We can see that banking companies and some others are moving with market. So, we can consider market movement for these stocks.

# Correlation Between Volume and Price

In [66]:
volume_correlations = {}

for file_path in nifty50_df_2['key']:
    symbol = file_path[:file_path.index("_")]

    # We will ignore grasim for simplicity.
    if symbol == 'GRASIM':
        continue
    
    file_path = data_dir+'FullDataCsv\\'+file_path+'.csv'
    
    stock_df = pd.read_csv(file_path)
    stock_df = stock_df[~stock_df['timestamp'].str.contains('2017-07-10')]
    
    corr = stock_df['close'].corr(stock_df['volume'])
    volume_correlations[symbol] = corr

In [67]:
volume_corr_df = pd.DataFrame(volume_correlations.items(), columns=['Symbol', 'Correlation'])
volume_corr_df.sort_values(by='Correlation', ascending=False).reset_index().head(50)

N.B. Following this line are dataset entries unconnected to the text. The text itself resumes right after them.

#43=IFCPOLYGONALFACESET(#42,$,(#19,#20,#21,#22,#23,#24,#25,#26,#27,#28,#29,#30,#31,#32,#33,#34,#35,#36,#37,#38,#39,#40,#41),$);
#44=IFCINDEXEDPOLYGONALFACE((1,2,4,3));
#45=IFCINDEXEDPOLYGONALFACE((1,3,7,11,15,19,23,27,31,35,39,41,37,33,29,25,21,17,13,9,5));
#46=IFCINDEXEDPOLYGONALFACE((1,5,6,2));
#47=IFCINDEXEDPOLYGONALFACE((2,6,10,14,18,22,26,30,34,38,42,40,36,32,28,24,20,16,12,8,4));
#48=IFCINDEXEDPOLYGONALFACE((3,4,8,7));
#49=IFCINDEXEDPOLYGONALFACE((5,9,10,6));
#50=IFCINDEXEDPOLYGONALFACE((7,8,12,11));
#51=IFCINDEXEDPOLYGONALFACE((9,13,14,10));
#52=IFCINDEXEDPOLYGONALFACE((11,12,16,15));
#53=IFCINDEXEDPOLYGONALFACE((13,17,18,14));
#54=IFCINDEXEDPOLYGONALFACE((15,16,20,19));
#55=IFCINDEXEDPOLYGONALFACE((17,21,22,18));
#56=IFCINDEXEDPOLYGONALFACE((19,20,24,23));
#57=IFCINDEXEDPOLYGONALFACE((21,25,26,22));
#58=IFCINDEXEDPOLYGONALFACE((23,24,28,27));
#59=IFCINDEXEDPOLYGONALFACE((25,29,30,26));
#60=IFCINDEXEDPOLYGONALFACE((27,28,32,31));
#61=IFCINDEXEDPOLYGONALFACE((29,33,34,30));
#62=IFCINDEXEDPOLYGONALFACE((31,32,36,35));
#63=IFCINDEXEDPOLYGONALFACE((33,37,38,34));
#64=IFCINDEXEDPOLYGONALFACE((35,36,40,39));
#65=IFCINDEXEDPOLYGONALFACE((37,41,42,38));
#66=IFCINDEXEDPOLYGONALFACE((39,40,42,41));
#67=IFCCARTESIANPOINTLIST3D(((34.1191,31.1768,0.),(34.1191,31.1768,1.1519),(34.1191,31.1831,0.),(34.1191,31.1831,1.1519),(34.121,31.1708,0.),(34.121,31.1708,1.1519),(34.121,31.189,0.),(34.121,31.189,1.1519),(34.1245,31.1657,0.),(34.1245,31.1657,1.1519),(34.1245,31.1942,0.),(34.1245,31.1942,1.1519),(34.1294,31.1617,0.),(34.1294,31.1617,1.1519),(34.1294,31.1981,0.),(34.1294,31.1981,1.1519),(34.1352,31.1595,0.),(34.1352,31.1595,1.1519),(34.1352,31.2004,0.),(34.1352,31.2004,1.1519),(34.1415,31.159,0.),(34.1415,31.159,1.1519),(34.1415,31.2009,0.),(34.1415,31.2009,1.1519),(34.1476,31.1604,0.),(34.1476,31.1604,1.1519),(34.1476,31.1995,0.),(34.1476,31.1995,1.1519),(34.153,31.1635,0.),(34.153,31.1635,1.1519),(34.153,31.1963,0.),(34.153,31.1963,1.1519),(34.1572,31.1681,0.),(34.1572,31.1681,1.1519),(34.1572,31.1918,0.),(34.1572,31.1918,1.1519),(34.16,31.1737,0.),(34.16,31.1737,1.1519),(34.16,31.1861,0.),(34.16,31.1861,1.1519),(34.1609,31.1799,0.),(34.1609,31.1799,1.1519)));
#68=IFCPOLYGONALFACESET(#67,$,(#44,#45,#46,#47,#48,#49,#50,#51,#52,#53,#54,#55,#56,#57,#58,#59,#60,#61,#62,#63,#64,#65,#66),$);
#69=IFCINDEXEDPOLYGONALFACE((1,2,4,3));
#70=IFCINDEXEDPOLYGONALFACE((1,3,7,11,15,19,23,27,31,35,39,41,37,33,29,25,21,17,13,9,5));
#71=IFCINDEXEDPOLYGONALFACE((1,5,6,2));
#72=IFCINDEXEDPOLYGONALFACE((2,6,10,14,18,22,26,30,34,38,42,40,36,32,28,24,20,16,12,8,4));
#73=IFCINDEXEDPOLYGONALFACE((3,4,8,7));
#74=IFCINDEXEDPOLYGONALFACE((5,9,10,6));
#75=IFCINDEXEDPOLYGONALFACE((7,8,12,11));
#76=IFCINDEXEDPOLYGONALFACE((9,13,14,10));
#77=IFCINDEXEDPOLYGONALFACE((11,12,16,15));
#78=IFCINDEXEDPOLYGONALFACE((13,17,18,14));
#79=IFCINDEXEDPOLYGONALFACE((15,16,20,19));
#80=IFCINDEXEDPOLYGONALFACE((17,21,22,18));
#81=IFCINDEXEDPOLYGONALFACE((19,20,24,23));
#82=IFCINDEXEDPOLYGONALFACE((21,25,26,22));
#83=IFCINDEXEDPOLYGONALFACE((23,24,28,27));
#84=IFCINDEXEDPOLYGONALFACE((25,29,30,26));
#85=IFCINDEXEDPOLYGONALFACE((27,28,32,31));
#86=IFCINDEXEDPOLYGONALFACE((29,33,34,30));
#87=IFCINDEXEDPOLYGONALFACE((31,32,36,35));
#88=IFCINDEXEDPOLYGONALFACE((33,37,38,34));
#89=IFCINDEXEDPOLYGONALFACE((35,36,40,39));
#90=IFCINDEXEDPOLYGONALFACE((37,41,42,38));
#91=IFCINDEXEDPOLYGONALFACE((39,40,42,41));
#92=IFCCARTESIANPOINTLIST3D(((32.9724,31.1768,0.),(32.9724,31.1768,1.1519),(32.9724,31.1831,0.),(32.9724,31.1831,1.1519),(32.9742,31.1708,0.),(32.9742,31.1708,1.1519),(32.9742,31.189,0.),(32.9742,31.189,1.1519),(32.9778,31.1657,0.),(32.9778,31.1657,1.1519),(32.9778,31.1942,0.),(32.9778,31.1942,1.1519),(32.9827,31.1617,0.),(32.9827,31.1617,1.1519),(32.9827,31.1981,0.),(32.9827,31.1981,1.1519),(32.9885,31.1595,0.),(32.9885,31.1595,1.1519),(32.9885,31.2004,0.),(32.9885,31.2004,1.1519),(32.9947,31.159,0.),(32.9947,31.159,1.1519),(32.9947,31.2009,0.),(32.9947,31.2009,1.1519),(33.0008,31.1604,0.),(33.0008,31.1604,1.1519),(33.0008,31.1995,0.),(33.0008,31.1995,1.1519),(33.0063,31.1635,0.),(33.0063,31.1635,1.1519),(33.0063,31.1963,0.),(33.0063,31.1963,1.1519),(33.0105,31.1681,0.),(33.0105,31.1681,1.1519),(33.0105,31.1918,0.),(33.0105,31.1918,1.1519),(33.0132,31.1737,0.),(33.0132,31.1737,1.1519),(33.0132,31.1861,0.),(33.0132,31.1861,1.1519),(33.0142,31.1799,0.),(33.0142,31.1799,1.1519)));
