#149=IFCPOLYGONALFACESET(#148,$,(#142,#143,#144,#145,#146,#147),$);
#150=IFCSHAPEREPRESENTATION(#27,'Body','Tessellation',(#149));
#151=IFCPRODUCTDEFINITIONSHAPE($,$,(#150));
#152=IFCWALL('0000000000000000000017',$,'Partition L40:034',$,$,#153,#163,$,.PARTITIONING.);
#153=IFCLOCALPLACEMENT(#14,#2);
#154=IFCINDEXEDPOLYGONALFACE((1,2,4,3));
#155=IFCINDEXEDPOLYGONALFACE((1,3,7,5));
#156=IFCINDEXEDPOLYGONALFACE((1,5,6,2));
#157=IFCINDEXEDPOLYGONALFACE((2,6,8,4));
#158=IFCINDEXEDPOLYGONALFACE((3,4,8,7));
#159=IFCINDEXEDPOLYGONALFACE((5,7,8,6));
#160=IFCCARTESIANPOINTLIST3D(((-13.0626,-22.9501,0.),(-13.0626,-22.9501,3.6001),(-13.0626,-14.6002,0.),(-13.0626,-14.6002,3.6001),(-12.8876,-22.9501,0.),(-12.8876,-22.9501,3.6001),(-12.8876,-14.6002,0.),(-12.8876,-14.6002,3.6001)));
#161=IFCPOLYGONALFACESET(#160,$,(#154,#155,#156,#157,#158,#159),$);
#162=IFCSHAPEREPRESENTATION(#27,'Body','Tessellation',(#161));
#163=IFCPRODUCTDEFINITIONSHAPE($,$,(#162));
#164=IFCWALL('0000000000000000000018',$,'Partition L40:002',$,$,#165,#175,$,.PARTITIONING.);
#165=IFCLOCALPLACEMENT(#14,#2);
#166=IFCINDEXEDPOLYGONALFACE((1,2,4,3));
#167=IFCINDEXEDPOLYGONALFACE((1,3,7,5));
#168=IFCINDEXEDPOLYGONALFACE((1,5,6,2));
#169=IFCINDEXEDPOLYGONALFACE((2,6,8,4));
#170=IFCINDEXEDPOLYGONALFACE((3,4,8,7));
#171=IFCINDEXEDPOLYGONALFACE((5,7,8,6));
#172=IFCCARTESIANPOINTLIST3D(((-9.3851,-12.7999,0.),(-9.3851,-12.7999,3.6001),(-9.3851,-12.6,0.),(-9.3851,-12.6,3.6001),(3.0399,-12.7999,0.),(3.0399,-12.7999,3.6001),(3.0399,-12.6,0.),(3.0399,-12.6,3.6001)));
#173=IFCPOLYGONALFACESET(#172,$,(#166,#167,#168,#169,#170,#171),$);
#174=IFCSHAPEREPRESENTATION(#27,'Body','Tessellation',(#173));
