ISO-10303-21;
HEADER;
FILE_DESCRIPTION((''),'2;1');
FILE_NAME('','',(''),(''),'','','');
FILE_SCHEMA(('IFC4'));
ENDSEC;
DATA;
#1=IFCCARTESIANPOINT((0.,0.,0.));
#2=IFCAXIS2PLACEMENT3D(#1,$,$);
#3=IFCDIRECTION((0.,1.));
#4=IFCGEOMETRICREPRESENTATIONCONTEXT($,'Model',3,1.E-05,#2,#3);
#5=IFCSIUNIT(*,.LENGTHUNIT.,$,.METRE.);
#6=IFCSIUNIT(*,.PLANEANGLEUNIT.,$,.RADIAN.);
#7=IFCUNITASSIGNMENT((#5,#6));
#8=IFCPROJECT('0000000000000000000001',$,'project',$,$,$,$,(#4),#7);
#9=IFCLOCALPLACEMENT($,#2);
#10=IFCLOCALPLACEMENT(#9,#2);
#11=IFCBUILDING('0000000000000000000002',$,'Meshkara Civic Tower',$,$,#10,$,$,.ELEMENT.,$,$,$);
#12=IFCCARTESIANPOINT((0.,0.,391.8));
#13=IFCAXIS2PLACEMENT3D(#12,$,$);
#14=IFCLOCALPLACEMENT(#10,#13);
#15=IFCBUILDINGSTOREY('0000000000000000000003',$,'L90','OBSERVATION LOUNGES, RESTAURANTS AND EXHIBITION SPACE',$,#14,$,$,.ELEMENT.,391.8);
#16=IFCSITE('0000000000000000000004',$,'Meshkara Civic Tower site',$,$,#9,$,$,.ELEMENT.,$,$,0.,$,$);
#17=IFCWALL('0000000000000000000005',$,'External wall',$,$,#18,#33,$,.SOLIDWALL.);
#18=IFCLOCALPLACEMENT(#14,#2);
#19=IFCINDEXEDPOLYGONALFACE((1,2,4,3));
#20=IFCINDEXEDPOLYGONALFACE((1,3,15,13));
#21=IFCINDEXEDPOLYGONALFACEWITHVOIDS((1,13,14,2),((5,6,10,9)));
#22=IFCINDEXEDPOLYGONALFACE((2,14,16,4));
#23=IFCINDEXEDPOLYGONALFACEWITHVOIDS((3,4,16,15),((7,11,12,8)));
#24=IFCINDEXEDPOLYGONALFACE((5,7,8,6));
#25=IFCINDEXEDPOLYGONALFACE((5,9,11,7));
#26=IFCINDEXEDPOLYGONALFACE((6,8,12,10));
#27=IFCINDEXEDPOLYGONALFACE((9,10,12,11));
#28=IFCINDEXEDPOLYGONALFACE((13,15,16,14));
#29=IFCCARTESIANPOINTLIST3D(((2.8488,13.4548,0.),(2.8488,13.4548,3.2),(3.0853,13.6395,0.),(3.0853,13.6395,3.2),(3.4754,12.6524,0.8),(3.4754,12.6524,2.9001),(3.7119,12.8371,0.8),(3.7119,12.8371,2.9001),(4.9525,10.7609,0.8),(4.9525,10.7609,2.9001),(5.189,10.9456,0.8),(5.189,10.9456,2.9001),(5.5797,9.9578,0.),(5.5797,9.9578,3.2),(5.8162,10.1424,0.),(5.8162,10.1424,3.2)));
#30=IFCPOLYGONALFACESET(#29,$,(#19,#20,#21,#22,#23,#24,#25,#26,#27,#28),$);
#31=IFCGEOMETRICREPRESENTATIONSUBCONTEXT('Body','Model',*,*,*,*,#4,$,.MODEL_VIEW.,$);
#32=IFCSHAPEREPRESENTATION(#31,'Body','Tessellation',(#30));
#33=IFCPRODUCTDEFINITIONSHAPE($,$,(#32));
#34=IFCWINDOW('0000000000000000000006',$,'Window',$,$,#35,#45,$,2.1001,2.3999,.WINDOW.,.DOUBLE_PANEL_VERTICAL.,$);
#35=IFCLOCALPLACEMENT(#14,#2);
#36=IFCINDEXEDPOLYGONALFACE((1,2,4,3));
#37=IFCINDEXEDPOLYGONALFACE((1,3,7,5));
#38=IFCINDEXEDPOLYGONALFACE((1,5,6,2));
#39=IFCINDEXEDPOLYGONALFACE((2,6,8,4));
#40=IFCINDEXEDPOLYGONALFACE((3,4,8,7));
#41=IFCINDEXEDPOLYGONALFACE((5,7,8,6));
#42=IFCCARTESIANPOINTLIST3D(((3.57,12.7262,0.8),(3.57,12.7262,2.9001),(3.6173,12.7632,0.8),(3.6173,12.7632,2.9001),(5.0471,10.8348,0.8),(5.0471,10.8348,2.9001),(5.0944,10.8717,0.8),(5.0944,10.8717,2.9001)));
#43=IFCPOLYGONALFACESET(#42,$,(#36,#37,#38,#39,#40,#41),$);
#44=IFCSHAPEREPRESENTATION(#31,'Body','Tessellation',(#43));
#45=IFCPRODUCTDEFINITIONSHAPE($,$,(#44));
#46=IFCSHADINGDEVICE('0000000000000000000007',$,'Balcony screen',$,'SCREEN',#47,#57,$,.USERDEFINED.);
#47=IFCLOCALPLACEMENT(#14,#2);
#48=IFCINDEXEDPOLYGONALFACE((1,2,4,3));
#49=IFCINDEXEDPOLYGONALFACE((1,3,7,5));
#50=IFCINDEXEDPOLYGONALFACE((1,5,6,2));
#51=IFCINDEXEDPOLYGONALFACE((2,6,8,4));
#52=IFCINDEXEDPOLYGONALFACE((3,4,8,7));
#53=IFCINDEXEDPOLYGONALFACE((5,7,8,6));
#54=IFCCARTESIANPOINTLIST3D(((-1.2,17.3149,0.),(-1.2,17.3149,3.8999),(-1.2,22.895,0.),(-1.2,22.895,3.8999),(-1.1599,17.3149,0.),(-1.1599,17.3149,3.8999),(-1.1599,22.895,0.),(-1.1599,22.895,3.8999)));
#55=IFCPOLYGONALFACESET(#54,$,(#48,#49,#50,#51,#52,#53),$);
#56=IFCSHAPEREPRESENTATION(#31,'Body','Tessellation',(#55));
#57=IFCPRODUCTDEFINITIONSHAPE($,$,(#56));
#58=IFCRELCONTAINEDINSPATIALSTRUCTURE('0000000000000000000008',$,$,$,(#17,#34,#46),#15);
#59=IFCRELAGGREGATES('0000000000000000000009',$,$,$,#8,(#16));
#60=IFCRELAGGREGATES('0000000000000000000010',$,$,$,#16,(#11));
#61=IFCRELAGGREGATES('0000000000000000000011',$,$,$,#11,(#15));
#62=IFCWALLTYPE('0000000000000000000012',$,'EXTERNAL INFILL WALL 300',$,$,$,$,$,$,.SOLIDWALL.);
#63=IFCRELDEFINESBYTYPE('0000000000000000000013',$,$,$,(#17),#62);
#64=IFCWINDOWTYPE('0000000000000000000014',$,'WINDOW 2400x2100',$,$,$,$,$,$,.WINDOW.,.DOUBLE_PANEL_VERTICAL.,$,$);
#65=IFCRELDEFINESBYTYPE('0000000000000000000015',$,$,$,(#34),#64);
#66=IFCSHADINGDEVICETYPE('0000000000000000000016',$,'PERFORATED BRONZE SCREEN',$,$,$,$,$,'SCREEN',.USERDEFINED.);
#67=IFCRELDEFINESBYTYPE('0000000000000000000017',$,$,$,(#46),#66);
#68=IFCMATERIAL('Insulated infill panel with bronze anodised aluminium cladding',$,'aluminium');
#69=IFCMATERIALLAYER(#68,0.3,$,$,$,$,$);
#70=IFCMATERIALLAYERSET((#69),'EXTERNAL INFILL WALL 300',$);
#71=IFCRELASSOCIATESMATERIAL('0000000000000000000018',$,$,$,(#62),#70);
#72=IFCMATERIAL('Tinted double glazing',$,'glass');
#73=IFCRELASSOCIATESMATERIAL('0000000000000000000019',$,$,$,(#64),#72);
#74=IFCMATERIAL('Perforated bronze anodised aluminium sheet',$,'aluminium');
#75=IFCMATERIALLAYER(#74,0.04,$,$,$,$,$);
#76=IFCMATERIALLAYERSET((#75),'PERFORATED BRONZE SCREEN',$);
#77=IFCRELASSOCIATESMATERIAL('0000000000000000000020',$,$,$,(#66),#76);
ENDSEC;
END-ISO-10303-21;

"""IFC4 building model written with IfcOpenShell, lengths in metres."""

from ifc_helpers import new_model, si_unit, direction, frame, frame_2d, origin, origin_2d, place, context, subcontext, project, spatial, rectangle, extrude, material, layer, layer_set, type_object, element, fill, save


model = new_model("IFC4")

# Units and contexts
model_context = context("Model", 3, precision=1e-05, world=origin(), true_north=direction((0.0, 1.0)))
body_context = subcontext(model_context, "Body", "Model", "MODEL_VIEW")
ifc_project = project(units=[si_unit("LENGTHUNIT", "METRE"), si_unit("PLANEANGLEUNIT", "RADIAN")], contexts=[model_context])

# Site, building, storey
site_placement = place(None, origin())
site = spatial("IfcSite", under=ifc_project, at=site_placement, Name="Meshkara Civic Tower site", CompositionType="ELEMENT", RefElevation=0.0)
building_placement = place(site_placement, origin())
building = spatial("IfcBuilding", under=site, at=building_placement, Name="Meshkara Civic Tower", CompositionType="ELEMENT")
storey_placement = place(building_placement, frame((0.0, 0.0, 391.8)))
storey = spatial("IfcBuildingStorey", under=building, at=storey_placement, Name="L90", Description="OBSERVATION LOUNGES, RESTAURANTS AND EXHIBITION SPACE", CompositionType="ELEMENT", Elevation=391.8)

# Wall, opening, window
ifc_material_1 = material(Name="Insulated infill panel with bronze anodised aluminium cladding", Category="aluminium")
ifc_layer_1 = layer(ifc_material_1, 0.3)
ifc_layer_set_1 = layer_set([ifc_layer_1], Name="EXTERNAL INFILL WALL 300")
wall_type_1 = type_object("IfcWallType", Name="EXTERNAL INFILL WALL 300", PredefinedType="SOLIDWALL", material=ifc_layer_set_1)
ifc_material_2 = material(Name="Tinted double glazing", Category="glass")
window_type_1 = type_object("IfcWindowType", Name="WINDOW 2400x2100", PartitioningType="DOUBLE_PANEL_VERTICAL", PredefinedType="WINDOW", material=ifc_material_2)
wall_1_placement = place(storey_placement, frame((2.967, 13.5471, 0.0), z_axis=(0.0, 0.0, 1.0), x_axis=(0.615486, -0.788148, 0.0)))
wall_1 = element("IfcWall", 1, at=wall_1_placement, inside=storey, type_object=wall_type_1, Name="External wall", PredefinedType="SOLIDWALL", context=body_context, shape_type="SweptSolid", body=[
    extrude(rectangle(XDim=4.437, YDim=0.3, at=frame_2d((2.2185, 0.0))), origin(), (0.0, 0.0, 1.0), 3.2),
])
opening_1_placement = place(wall_1_placement, frame((1.0181, 0.0, 0.8)))
opening_1 = element("IfcOpeningElement", 2, at=opening_1_placement, cuts=wall_1, PredefinedType="OPENING", context=body_context, shape_type="SweptSolid", body=[
    extrude(rectangle(XDim=2.3999, YDim=2.1001, at=frame_2d((1.2, 1.05))), frame((0.0, 0.1599, 0.0), z_axis=(0.0, -1.0, 0.0), x_axis=(1.0, 0.0, 0.0)), (0.0, 0.0, 1.0), 0.3201),
])
window_1_placement = place(opening_1_placement, origin())
window_1 = element("IfcWindow", 3, at=window_1_placement, inside=storey, type_object=window_type_1, Name="Window", OverallHeight=2.1001, OverallWidth=2.3999, PartitioningType="DOUBLE_PANEL_VERTICAL", PredefinedType="WINDOW", context=body_context, shape_type="SweptSolid", body=[
    extrude(rectangle(XDim=2.3999, YDim=2.1001, at=frame_2d((1.2, 1.05))), frame((0.0, 0.03, 0.0), z_axis=(0.0, -1.0, 0.0), x_axis=(1.0, 0.0, 0.0)), (0.0, 0.0, 1.0), 0.0601),
])
fill(opening_1, window_1)

# Shading device
ifc_material_3 = material(Name="Perforated bronze anodised aluminium sheet", Category="aluminium")
ifc_layer_2 = layer(ifc_material_3, 0.04)
ifc_layer_set_2 = layer_set([ifc_layer_2], Name="PERFORATED BRONZE SCREEN")
shading_device_type = type_object("IfcShadingDeviceType", Name="PERFORATED BRONZE SCREEN", ElementType="SCREEN", PredefinedType="USERDEFINED", material=ifc_layer_set_2)
shading_device_placement = place(storey_placement, frame((-1.1799, 20.105, 0.0), z_axis=(0.0, 0.0, 1.0), x_axis=(0.0, -1.0, 0.0)))
element("IfcShadingDevice", 4, at=shading_device_placement, inside=storey, type_object=shading_device_type, Name="Balcony screen", ObjectType="SCREEN", PredefinedType="USERDEFINED", context=body_context, shape_type="SweptSolid", body=[
    extrude(rectangle(XDim=5.5801, YDim=0.04, at=origin_2d()), origin(), (0.0, 0.0, 1.0), 3.8999),
])

save(model, "model.ifc")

Unnamed: 0,index,Symbol,Correlation
0,7,BHARTIARTL,0.158777
1,34,RELIANCE,0.145984
2,1,ASIANPAINT,0.143932
3,9,BRITANNIA,0.142836
4,15,HCLTECH,0.133156
5,45,WIPRO,0.085482
6,12,DRREDDY,0.077105
7,10,CIPLA,0.064027
8,4,BAJFINANCE,0.058875
9,41,TITAN,0.054004


We can see that volume is not correlated with price much.

# Data Manipulations

- We will consider data of one day as one sample. For example, data from 09:15:00 to 11:00:00 will be considered as features. After 11:00, high and low values will be our output.
- We will rescale data between 0 to 1 for each day for each stock, so for every day, we will apply min max scalar rather than on all values for particular stock. For example, ASIANPAINTS -> 2017-01-01,  2017-01-02,  2017-01-03,... and so on.
- Above example says that we will rescale for each day for each stock, because we are working for intraday trading.


# Feature Engineering

We can calculate simple moving averages to improve accuracy of our models.

# Modeling Techniques
- We will make models for each stock. There will be two models, one for predicting low and another for predicting high.
- Will try to use RNN and LSTM.
- Will also try to convert it to classification problem.